Plasma alanine aminotransferase (ALT) content was determined and liver inflammation and fibrosis were evaluated. Intrahepatocellular malondialdehyde and superoxide dismutase contents were determined using commercially available kits Furthermore, α-SMA expression in liver tissues was examined by immunohistochemistry and LC3-II was detected by immunoblotting assays.
Mice receiving the Alisma and Rhizoma decoction by gastric lavage had significantly lower plasma ALT content and markedly higher hepatic superoxide dismutase activity than mice receiving the methionine-choline deficient (MCD) diet. Furthermore, the decoction aborted MCD-induced increase in liver malondialdehyde content. Immunohistochemistry showed that the decoction suppressed hepatic α-SMA expression. Our transmission electronic microscopy revealed that the decoction markedly reduced the number of autophagosomes and immunoblotting assays showed that the decoction caused a dose-dependent decrease in LC3-II in hepatic tissues.
The Alisma and Rhizoma decoction lessens NASH-associated liver injuries by modulating oxidative stress and autophagy in hepatocytes of mice fed with MCD.
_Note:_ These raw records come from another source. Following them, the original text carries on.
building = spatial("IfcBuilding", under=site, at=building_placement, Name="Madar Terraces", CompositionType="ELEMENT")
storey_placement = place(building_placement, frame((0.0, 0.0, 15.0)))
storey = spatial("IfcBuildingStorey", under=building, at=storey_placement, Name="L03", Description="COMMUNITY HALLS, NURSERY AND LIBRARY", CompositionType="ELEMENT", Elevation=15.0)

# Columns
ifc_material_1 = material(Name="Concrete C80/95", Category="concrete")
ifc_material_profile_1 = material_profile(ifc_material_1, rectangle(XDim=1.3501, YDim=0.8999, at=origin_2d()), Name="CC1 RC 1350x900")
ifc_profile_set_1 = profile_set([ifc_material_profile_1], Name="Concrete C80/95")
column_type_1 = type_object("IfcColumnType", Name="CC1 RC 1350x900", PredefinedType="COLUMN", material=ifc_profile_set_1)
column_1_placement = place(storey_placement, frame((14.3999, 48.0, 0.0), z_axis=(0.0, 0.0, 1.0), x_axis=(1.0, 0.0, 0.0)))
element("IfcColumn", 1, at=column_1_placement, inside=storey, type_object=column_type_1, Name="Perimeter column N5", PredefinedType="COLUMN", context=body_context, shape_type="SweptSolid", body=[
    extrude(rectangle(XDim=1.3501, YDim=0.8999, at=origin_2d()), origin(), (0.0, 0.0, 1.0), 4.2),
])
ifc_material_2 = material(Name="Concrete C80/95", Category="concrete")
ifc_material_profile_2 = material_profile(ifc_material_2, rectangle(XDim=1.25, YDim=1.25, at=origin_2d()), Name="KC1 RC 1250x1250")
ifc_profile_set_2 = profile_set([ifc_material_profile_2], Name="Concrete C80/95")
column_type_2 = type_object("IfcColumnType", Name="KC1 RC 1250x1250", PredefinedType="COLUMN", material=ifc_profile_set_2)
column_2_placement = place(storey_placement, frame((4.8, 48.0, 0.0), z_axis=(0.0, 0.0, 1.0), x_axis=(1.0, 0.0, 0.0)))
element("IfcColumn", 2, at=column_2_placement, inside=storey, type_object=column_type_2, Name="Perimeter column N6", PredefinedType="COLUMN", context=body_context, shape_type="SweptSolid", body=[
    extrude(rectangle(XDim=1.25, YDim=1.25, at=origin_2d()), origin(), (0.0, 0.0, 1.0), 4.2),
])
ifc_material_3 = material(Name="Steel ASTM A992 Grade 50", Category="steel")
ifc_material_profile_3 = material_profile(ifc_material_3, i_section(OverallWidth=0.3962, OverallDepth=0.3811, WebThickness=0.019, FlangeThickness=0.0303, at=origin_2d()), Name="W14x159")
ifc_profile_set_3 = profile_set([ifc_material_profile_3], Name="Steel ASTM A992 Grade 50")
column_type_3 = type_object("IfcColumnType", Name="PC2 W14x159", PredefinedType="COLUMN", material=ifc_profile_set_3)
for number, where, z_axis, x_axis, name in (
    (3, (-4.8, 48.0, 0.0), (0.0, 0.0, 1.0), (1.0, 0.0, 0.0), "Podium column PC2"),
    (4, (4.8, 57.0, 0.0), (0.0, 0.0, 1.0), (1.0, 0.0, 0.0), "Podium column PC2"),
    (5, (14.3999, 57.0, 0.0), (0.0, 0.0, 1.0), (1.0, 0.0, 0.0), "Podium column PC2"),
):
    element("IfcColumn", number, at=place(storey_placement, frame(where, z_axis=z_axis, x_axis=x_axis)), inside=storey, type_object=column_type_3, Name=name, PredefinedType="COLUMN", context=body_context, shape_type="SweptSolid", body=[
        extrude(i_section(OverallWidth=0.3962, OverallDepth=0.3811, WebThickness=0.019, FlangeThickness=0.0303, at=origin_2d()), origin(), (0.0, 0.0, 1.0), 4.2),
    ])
Non-alcoholic fatty liver disease (NAFLD) represents a broad spectrum of liver diseases ranging from simple steatosis to steatohepatitis through to fibrosis and cirrhosis  and is characterized by excessive lipid accumulation in the liver without chronic alcohol consumption. The global prevalence of NAFLD is 20–30%, affecting one billion persons worldwide . The prevalence of NAFLD has been steadily increasing in China and has reached approximately 15% in economically developed metropolitan areas . Non-alcoholic steatohepatitis (NASH) is a critical step in the progression of NAFLD and is marked by fatty degeneration of hepatocytes, necrotic inflammation and/or fibrosis and may further progress to hepatic fibrosis and even liver cancer. Liver fibrosis is a common entity underlying various chronic liver diseases and recently it has been shown development of liver fibrosis is a dynamic process and reversible under certain conditions .
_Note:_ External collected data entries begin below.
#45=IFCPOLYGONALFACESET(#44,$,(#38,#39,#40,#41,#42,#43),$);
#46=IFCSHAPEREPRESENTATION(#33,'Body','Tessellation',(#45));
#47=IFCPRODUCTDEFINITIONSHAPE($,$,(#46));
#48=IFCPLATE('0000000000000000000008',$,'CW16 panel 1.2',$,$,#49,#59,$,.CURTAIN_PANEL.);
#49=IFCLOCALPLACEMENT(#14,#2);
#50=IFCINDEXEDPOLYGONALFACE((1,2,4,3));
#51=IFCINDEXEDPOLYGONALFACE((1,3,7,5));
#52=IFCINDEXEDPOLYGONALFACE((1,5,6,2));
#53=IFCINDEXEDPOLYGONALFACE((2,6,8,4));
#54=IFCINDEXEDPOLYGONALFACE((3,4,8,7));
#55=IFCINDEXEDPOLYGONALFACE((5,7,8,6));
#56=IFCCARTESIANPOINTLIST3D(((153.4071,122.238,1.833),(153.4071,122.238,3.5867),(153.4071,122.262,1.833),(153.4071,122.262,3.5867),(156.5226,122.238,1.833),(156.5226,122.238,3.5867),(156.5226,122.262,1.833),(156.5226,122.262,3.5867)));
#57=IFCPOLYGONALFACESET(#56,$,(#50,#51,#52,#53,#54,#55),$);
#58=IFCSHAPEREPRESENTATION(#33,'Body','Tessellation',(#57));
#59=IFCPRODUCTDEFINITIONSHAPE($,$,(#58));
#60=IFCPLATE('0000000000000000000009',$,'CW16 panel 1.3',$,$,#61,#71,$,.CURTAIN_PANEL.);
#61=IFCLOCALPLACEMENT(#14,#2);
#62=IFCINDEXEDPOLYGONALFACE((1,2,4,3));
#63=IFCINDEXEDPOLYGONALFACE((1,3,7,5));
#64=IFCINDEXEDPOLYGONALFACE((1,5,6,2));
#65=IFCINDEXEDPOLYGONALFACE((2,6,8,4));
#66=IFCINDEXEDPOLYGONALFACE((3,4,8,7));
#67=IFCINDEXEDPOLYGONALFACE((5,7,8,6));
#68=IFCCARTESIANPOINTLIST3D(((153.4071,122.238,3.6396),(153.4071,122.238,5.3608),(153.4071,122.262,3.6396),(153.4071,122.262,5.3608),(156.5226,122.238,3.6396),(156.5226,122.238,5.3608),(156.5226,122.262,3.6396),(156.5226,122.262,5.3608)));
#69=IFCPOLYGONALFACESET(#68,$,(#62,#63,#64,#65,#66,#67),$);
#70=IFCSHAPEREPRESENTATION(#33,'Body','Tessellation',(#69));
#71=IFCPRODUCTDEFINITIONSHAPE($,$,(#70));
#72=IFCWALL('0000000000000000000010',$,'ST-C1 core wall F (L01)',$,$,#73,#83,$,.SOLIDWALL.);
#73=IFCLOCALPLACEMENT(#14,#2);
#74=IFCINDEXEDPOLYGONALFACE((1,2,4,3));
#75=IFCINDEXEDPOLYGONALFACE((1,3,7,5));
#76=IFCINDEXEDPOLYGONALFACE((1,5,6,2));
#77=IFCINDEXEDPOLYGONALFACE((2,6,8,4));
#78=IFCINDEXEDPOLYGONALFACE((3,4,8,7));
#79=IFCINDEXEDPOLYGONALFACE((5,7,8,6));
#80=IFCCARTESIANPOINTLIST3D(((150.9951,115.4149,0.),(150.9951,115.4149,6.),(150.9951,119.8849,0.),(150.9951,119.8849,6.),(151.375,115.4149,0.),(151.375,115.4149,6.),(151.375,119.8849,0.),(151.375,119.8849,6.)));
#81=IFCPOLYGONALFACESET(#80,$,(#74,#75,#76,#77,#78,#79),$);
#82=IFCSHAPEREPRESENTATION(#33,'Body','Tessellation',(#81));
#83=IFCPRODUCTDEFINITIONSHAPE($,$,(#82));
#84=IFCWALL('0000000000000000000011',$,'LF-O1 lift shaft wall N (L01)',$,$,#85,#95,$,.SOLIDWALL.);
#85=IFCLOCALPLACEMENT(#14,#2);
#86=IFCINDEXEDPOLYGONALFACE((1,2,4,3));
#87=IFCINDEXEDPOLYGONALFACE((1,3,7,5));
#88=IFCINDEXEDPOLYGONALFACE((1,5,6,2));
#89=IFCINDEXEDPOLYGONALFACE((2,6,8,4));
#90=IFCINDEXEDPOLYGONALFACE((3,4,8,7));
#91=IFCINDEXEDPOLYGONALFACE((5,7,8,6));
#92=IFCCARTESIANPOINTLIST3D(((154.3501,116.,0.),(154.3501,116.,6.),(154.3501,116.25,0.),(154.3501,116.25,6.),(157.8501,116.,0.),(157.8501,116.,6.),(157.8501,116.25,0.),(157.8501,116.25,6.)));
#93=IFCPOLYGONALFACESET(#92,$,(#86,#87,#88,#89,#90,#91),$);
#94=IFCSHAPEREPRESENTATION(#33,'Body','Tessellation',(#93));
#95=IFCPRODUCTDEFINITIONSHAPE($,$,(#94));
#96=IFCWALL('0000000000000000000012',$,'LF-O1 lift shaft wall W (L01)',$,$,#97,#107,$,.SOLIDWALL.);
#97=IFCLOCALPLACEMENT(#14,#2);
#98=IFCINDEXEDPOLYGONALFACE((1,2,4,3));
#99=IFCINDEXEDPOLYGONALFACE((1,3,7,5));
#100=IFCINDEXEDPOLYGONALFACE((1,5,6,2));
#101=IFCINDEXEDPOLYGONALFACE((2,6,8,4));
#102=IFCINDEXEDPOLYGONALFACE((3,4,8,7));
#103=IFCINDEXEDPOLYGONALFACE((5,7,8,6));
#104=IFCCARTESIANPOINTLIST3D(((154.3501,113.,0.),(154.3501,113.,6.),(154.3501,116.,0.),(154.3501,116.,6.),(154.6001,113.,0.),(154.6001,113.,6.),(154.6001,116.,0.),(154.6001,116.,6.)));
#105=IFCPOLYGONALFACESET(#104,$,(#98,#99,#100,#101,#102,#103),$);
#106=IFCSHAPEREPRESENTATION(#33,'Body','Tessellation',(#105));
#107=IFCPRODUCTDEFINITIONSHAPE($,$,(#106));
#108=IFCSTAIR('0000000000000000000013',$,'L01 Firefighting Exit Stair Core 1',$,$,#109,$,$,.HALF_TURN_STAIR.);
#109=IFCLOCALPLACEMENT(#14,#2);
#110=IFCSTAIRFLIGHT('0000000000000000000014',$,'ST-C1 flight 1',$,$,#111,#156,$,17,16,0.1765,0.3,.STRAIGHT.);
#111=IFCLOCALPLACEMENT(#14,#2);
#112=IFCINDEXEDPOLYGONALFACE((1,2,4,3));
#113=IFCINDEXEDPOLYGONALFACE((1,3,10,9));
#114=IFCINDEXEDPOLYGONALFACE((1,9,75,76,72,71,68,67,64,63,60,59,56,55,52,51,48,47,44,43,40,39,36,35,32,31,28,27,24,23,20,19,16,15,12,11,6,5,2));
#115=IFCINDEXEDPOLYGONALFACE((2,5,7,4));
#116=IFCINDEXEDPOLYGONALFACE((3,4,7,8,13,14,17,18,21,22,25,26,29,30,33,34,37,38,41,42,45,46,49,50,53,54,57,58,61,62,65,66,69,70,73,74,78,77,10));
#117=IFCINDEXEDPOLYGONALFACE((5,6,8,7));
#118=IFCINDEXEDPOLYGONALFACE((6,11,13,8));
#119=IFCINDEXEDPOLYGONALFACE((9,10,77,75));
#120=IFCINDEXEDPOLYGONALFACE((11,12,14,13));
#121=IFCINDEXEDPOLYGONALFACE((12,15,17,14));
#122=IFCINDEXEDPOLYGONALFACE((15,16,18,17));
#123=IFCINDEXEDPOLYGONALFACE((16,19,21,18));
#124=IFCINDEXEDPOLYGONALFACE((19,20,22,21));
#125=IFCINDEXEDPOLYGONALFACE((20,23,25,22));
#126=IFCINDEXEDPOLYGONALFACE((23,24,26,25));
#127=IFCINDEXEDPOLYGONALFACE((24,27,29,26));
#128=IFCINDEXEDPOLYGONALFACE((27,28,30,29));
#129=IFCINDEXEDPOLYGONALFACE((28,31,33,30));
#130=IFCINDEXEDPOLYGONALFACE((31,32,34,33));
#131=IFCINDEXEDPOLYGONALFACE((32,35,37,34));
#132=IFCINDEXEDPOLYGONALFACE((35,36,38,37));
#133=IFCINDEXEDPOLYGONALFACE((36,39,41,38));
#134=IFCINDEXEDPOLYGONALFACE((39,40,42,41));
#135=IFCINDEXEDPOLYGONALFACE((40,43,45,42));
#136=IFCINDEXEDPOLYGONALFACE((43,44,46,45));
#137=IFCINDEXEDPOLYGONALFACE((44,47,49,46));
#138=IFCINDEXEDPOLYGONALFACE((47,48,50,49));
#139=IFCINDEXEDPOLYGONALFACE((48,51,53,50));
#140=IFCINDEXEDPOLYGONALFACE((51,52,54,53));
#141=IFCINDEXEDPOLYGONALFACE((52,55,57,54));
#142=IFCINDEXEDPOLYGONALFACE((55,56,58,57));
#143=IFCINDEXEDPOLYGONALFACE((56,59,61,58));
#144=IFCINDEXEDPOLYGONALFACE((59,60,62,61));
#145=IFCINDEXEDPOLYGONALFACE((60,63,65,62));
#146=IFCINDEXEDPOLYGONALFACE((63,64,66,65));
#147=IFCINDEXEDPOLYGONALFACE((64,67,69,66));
Currently, the mechanisms underlying NASH liver fibrosis has not been fully elucidated and no effective treatment is available clinically. It has been recently reported that autophagy is implicated in the development and progression of hepatic fibrosis [5,6,7]. The autophagy flux increased when primary mouse hepatic stellate cells (HSC) became activated, which were suppressed by autophagy inhibitor afilomycin A1 . Furthermore, autophagy-stimulated loss of lipid droplets was shown to modulate HSC activation . These findings together suggest that autophagy may participate in the progression of fibrosis via modulation of HSC activation.
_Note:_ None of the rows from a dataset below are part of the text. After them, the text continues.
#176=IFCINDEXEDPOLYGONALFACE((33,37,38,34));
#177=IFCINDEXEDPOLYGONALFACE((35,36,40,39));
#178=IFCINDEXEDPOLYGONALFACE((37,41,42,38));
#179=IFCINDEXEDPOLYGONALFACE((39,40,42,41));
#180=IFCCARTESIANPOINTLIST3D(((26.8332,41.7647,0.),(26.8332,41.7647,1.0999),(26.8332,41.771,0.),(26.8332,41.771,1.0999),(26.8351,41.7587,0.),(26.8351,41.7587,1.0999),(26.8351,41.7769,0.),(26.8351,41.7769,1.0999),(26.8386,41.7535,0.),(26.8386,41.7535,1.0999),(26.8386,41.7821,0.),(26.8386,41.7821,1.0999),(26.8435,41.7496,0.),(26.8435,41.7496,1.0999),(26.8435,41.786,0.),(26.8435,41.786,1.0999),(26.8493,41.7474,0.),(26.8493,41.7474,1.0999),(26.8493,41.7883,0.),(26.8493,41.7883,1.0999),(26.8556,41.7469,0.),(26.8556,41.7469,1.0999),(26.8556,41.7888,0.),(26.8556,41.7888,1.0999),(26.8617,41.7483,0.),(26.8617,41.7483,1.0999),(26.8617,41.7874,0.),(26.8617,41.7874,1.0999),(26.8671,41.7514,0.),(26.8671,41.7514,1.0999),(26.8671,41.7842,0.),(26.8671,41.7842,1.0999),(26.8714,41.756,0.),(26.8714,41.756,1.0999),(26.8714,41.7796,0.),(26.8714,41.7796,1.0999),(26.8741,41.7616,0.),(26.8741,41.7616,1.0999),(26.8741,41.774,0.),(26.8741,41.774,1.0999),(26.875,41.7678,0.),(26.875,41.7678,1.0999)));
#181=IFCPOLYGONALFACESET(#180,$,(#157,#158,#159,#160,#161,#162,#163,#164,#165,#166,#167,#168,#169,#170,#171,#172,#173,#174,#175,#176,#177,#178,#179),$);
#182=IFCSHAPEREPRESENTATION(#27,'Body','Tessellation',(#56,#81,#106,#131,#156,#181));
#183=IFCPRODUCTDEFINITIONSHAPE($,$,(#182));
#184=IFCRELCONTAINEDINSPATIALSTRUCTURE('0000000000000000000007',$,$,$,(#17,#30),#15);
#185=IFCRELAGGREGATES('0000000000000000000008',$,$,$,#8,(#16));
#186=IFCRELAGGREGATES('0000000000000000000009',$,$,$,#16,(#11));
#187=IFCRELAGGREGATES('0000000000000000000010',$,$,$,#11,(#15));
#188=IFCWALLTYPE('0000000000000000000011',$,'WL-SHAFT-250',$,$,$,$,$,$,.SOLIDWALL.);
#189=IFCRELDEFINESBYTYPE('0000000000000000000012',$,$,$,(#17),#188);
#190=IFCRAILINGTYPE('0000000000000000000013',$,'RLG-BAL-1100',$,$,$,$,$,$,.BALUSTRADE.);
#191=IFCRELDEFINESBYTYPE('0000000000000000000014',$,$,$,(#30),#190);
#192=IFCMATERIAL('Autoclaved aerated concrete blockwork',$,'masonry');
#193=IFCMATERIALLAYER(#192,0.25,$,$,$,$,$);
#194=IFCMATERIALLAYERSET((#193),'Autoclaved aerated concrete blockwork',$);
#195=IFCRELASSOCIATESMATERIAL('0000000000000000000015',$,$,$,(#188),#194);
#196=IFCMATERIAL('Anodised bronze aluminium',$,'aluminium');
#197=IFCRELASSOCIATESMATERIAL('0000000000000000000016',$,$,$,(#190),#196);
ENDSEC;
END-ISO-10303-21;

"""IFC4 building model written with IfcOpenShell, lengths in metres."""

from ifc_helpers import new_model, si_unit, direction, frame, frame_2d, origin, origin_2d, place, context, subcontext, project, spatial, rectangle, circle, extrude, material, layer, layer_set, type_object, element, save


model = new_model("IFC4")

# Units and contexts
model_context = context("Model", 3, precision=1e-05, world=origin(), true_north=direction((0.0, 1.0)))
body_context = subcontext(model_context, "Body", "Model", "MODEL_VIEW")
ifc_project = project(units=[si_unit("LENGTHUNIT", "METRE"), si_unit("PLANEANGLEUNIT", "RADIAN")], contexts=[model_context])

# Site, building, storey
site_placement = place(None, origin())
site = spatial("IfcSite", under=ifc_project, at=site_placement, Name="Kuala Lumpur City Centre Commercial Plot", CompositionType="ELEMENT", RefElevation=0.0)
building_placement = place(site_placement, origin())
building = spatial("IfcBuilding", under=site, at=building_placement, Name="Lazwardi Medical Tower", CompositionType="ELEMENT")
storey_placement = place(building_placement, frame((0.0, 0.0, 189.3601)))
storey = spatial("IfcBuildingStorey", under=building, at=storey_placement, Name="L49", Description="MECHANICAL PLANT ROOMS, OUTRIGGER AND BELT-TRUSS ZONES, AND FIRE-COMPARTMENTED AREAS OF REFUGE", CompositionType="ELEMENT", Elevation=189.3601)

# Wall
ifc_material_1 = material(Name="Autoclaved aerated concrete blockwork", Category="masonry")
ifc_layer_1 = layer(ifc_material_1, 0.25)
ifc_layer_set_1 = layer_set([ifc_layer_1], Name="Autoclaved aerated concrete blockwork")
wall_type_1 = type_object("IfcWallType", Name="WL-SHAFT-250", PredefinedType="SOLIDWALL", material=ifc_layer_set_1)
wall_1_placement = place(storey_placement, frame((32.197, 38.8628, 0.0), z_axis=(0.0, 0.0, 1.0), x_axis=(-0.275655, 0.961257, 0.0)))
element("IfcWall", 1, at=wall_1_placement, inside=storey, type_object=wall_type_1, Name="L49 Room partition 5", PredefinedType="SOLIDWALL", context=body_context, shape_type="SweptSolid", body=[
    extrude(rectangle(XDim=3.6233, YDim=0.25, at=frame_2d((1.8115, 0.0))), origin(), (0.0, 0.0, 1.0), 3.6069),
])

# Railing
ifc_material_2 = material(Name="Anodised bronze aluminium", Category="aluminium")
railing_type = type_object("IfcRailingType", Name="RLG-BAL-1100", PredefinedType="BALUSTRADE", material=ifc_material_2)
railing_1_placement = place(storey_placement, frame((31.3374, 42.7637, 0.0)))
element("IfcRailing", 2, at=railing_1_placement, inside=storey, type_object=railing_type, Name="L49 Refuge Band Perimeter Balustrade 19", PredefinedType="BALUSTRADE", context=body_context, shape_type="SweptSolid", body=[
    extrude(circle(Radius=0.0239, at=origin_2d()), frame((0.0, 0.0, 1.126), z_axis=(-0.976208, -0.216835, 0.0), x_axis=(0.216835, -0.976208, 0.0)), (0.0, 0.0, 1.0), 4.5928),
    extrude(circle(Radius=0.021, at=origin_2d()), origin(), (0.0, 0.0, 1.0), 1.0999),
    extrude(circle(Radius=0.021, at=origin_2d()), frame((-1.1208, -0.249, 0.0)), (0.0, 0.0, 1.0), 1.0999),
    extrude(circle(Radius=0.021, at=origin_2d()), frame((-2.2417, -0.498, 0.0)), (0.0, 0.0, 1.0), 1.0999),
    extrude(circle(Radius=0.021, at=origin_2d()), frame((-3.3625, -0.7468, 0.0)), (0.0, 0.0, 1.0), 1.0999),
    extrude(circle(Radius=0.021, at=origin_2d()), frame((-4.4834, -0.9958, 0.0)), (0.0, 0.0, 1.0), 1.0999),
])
Alisma orientale (Sam.) Juzep. (Alismataceae) is a traditional medicinal herb  that has been used in China for treating a variety of conditions including hypertension, hyperlipidemia, Meniere’s disease and other conditions and A. orientale and its constituents have been shown to possess a broad spectrum of biological activities including anti-atherosclerotic activity, immunomodulation, and hepatoprotection [11,12,13]. Hong et al. showed that A. orientale methanolic extract improved the plasma lipid profile and alleviated hepatic steatosis in rats with high fat diet-induced NAFLD . Jang et al. demonstrated that A. orientale attenuated hepatic steatosis of mice with high fat diet-induced obesity by suppressing endoplasmic reticulum (ER) stress. In vitro evidence also showed that A. orientale extract inhibited lipogenesis and lipoapoptosis of non-esterified fatty acid-treated HepG2 cells . Alisol B 23-acetate, a natural triterpenoid isolated from Rhizoma Alismatis, the dried rhizome of A. orientale, was found to protect against non-alcoholic steatohepatitis in mice by activating the farnesoid X receptor . Rhizoma atractylodis macrocephalae has long been widely used in East Asia as a traditional herbal medicine and constituents from R. atractylodis macrocephalae have been shown to possess anti-inflammatory activities in mice . Fermented R. atractylodis macrocephalae was found to improve the lipid profile of rats with high fat diet-induced obesity .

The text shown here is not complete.